Using machine learning to predict Fantasy Premier League scores and pick the playable team with highest predicted score
General Idea
- Gather historic data, join with current season data pulled via the fantasy.premierleague.com API (notebook 1)
- Engineer features using rolling windows on past player and team performance. Add in the opponents past performance as well. (notebook 2)
- Develop and test a baseline, non-ML technique for predicting a player's scores using averages of past performance. I use this to see if the ML model I later develop is actually an improvement on a baseline heuristic. (notebook 3)
- Train ML model (notebooks 4 & 5)
- Used trained model to predict points players will earn in fixtures in the future (notebooks 6 & 7)

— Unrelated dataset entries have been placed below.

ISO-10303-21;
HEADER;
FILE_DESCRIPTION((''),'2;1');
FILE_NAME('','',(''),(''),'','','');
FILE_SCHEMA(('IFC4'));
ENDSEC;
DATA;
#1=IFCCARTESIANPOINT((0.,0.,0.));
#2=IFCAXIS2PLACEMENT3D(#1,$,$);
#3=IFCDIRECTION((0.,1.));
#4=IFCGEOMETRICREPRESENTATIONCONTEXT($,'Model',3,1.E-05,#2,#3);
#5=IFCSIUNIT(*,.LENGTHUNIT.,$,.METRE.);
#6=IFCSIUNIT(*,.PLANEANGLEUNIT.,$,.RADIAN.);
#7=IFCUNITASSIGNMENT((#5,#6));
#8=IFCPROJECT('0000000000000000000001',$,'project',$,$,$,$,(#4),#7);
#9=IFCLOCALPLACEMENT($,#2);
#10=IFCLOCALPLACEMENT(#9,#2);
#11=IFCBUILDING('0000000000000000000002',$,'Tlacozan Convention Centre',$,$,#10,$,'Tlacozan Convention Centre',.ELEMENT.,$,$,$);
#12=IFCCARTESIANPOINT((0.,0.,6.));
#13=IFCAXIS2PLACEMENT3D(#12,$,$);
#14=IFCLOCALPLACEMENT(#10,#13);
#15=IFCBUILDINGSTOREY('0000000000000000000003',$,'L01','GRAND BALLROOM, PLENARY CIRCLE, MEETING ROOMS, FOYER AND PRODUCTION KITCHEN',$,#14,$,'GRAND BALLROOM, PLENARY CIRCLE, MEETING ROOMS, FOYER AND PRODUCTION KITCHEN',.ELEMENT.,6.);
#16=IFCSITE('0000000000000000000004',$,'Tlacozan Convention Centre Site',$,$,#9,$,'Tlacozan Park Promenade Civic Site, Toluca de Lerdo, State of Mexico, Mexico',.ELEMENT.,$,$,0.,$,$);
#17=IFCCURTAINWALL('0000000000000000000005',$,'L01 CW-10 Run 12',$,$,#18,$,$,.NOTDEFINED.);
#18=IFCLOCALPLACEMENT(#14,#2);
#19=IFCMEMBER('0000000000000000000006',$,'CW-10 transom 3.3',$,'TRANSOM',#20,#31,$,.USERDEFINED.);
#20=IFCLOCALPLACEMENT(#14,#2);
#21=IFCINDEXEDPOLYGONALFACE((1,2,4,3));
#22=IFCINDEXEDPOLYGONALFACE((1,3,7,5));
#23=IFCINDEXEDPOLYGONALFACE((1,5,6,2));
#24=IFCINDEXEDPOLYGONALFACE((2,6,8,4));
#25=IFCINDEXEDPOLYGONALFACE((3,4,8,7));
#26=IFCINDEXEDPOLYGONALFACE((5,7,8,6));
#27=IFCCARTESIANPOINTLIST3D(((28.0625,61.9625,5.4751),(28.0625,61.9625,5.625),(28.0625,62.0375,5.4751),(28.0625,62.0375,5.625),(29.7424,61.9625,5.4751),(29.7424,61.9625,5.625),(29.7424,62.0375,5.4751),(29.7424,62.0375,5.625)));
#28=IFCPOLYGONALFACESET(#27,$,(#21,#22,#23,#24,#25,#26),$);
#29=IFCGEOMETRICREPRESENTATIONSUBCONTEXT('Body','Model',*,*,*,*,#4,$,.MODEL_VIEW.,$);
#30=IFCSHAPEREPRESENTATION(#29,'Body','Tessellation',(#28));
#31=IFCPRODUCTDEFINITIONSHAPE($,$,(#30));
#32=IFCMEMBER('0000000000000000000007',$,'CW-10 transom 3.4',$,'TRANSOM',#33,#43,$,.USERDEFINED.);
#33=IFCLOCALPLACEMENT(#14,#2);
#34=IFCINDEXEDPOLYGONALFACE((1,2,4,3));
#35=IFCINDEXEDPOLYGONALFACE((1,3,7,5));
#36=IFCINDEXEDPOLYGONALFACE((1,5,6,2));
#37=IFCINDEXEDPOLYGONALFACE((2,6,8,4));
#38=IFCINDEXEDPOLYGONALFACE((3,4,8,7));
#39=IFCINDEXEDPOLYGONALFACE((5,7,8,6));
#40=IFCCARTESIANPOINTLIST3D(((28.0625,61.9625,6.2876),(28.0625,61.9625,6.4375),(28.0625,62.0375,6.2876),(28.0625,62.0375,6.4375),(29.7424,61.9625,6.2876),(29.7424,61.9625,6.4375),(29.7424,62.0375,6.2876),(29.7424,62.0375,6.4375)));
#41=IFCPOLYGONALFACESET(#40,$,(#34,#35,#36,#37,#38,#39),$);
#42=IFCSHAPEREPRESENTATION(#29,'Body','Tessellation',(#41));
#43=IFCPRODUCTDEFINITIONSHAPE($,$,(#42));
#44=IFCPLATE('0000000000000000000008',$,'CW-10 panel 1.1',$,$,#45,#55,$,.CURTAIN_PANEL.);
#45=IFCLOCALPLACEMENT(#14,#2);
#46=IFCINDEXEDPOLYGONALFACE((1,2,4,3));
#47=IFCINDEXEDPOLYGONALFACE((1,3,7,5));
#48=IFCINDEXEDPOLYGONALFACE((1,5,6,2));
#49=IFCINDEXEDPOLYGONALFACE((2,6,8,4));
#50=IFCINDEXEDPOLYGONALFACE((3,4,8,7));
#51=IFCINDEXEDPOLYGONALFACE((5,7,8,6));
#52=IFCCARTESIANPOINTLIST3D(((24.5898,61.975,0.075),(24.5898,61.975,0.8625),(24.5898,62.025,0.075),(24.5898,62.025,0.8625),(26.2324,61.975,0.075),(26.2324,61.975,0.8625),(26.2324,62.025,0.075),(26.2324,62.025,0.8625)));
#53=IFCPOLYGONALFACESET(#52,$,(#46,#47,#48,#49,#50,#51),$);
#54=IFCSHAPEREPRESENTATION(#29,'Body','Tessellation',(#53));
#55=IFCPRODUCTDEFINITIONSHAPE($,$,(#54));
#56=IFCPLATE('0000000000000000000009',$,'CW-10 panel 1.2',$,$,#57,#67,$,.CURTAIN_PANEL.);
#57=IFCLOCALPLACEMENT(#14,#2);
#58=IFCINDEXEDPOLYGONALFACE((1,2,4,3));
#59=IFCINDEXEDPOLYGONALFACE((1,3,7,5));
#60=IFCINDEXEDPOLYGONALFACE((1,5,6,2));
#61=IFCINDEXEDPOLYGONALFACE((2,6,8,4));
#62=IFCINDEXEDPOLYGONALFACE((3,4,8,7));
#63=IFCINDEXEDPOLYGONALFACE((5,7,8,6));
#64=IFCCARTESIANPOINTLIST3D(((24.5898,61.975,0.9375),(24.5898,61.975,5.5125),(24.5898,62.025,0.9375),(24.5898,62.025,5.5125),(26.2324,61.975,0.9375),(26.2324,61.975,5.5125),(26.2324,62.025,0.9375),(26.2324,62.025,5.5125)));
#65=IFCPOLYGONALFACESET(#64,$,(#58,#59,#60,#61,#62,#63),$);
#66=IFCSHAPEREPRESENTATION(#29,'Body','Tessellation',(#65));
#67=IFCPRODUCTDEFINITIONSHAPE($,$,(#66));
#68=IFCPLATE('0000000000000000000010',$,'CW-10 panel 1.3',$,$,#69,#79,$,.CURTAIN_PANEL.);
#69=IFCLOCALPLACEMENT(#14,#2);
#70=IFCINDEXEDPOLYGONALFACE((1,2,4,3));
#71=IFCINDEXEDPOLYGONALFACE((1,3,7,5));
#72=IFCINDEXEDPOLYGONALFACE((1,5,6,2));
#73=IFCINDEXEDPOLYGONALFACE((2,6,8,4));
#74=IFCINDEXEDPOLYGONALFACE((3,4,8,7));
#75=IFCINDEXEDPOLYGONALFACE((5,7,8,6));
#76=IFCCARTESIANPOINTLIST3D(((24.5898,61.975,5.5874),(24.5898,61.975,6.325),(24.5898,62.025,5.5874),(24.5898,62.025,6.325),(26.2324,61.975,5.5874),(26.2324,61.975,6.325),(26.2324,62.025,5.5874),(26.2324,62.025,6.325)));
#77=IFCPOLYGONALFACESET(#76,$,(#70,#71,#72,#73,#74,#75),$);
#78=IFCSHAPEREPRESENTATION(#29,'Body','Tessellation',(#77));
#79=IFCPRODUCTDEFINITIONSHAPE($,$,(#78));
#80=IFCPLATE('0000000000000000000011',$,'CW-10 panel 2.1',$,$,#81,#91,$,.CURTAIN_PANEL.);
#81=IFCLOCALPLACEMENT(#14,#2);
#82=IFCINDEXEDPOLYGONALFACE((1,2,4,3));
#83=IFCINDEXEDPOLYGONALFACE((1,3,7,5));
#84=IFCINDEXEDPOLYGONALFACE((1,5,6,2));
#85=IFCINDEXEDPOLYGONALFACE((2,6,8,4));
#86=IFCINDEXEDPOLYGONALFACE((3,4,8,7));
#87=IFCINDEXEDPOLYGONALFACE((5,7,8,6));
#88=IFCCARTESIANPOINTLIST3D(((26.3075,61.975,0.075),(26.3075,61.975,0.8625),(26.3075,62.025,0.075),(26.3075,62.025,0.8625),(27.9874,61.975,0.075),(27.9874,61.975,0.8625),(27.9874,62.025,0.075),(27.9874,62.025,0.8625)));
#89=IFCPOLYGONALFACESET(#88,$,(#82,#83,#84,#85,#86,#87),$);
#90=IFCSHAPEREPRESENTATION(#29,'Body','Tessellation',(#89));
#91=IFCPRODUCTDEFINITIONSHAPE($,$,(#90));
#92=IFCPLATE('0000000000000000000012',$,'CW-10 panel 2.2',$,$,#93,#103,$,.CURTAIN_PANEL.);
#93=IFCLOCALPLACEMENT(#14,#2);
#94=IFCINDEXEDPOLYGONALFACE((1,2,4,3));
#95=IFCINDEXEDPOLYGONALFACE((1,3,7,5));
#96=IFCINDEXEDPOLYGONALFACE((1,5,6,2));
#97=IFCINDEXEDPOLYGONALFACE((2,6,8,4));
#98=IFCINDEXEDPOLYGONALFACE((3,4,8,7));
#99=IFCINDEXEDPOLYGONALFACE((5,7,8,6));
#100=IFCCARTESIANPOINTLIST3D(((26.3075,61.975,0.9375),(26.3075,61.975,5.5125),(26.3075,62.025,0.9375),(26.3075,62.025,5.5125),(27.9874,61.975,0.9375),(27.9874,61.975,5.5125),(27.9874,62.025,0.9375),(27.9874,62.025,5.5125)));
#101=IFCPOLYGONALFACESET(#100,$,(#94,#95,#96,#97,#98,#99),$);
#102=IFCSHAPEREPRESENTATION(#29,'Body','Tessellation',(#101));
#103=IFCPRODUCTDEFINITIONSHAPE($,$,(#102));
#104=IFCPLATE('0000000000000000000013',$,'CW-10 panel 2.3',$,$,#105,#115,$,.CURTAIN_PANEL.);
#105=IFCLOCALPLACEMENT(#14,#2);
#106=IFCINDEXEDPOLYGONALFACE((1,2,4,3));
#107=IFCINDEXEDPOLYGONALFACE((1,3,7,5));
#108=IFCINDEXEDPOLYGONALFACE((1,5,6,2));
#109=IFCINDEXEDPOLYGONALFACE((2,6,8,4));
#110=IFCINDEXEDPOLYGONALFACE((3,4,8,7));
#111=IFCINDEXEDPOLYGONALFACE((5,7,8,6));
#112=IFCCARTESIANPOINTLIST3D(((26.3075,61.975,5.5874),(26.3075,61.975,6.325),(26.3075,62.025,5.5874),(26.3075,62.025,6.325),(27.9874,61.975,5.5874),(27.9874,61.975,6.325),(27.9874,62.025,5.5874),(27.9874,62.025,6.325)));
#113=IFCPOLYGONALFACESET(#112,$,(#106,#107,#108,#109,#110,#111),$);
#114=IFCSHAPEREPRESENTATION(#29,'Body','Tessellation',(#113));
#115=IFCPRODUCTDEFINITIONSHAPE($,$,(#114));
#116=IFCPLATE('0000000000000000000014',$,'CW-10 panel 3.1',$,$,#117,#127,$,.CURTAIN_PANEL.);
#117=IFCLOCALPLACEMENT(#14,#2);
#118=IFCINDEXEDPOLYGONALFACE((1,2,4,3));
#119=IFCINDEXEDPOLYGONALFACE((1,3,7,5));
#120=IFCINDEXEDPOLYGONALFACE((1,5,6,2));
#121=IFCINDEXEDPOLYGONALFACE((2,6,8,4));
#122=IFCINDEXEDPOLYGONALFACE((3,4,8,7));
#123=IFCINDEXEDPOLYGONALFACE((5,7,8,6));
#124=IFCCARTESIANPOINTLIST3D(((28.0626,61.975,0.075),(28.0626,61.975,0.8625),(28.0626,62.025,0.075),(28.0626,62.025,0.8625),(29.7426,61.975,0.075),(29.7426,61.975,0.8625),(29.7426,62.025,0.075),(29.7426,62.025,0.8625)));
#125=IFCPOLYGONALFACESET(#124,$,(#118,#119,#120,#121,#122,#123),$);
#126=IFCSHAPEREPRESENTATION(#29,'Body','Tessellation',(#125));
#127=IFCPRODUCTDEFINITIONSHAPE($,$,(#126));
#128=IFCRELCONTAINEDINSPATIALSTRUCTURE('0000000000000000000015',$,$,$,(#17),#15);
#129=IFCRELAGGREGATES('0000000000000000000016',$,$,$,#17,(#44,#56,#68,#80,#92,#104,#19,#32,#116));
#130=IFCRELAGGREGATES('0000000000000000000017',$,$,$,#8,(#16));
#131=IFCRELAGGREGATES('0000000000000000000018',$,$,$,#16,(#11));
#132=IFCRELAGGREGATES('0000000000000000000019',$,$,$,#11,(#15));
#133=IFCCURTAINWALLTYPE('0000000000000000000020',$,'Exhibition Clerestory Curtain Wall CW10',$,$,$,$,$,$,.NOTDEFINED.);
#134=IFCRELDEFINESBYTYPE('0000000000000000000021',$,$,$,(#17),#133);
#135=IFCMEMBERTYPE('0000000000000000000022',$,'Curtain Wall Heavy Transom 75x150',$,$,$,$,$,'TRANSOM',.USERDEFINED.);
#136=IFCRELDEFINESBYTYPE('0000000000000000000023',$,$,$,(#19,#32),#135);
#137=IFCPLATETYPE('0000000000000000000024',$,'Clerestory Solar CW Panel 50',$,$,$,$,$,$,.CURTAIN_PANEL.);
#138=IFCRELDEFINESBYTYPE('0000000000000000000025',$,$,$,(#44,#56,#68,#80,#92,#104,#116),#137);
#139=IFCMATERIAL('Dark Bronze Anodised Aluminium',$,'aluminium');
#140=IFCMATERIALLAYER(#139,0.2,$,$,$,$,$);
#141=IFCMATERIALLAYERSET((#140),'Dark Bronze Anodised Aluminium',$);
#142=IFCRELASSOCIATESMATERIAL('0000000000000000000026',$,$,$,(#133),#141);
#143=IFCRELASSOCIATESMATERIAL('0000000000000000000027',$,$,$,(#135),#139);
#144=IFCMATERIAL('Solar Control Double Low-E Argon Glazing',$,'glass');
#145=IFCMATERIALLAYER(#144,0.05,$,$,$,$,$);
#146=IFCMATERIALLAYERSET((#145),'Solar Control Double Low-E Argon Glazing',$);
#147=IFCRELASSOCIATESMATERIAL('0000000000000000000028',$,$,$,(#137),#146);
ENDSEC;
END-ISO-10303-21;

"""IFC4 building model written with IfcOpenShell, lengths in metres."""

from ifc_helpers import new_model, si_unit, direction, frame, origin, origin_2d, place, context, subcontext, project, spatial, rectangle, extrude, material, layer, layer_set, material_profile, profile_set, type_object, element, aggregate, save


model = new_model("IFC4")

# Units and contexts
model_context = context("Model", 3, precision=1e-05, world=origin(), true_north=direction((0.0, 1.0)))
body_context = subcontext(model_context, "Body", "Model", "MODEL_VIEW")
ifc_project = project(units=[si_unit("LENGTHUNIT", "METRE"), si_unit("PLANEANGLEUNIT", "RADIAN")], contexts=[model_context])

# Site, building, storey
site_placement = place(None, origin())
site = spatial("IfcSite", under=ifc_project, at=site_placement, Name="Tlacozan Convention Centre Site", LongName="Tlacozan Park Promenade Civic Site, Toluca de Lerdo, State of Mexico, Mexico", CompositionType="ELEMENT", RefElevation=0.0)
building_placement = place(site_placement, origin())
building = spatial("IfcBuilding", under=site, at=building_placement, Name="Tlacozan Convention Centre", LongName="Tlacozan Convention Centre", CompositionType="ELEMENT")
storey_placement = place(building_placement, frame((0.0, 0.0, 6.0)))
storey = spatial("IfcBuildingStorey", under=building, at=storey_placement, Name="L01", Description="GRAND BALLROOM, PLENARY CIRCLE, MEETING ROOMS, FOYER AND PRODUCTION KITCHEN", LongName="GRAND BALLROOM, PLENARY CIRCLE, MEETING ROOMS, FOYER AND PRODUCTION KITCHEN", CompositionType="ELEMENT", Elevation=6.0)

# Curtain wall, members, plates
ifc_material_1 = material(Name="Dark Bronze Anodised Aluminium", Category="aluminium")
ifc_layer_1 = layer(ifc_material_1, 0.2)
ifc_layer_set_1 = layer_set([ifc_layer_1], Name="Dark Bronze Anodised Aluminium")
curtain_wall_type = type_object("IfcCurtainWallType", Name="Exhibition Clerestory Curtain Wall CW10", PredefinedType="NOTDEFINED", material=ifc_layer_set_1)
curtain_wall_placement = place(storey_placement, origin())
curtain_wall = element("IfcCurtainWall", 1, at=curtain_wall_placement, inside=storey, type_object=curtain_wall_type, Name="L01 CW-10 Run 12", PredefinedType="NOTDEFINED")
ifc_material_profile_1 = material_profile(ifc_material_1, rectangle(XDim=0.075, YDim=0.1499, at=origin_2d()), Name="ALU 75x150")
ifc_profile_set_1 = profile_set([ifc_material_profile_1], Name="Dark Bronze Anodised Aluminium")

- use an optimizer to optimize predicted points earned, given budget constraints, constraints on positions, etc. (notebook 8)
- use a transfer optimizer to determine best ways to use weekly transfer window (notebook 9)
All of my original exploration, EDA, etc., is in the notebooks/archive/predictor.ipynb notebook.
Further Ideas
- add in expected goals data from understat. This would help determine whether a player performed well but didn't earn points (signifying that they might still be a good pick, just got unlucky that week), or whether the player's underlying performance was poor. FPL has its own expected points stat -- I have no idea where this comes from or how effective it is.
├── README.md <- The top-level README
├── data
│ ├── external <- Data from third party sources.
│ ├── interim <- Intermediate data that has been transformed.
│ ├── processed <- The final, canonical data sets for modeling.
│ └── raw <- The original, immutable data dump.
│
├── models <- Trained and serialized models, and model predictions
│
├── notebooks <- Jupyter notebooks. Helper programs are also in here for ease of use
│
├── references
Project structure based loosely on the cookiecutter data science project template.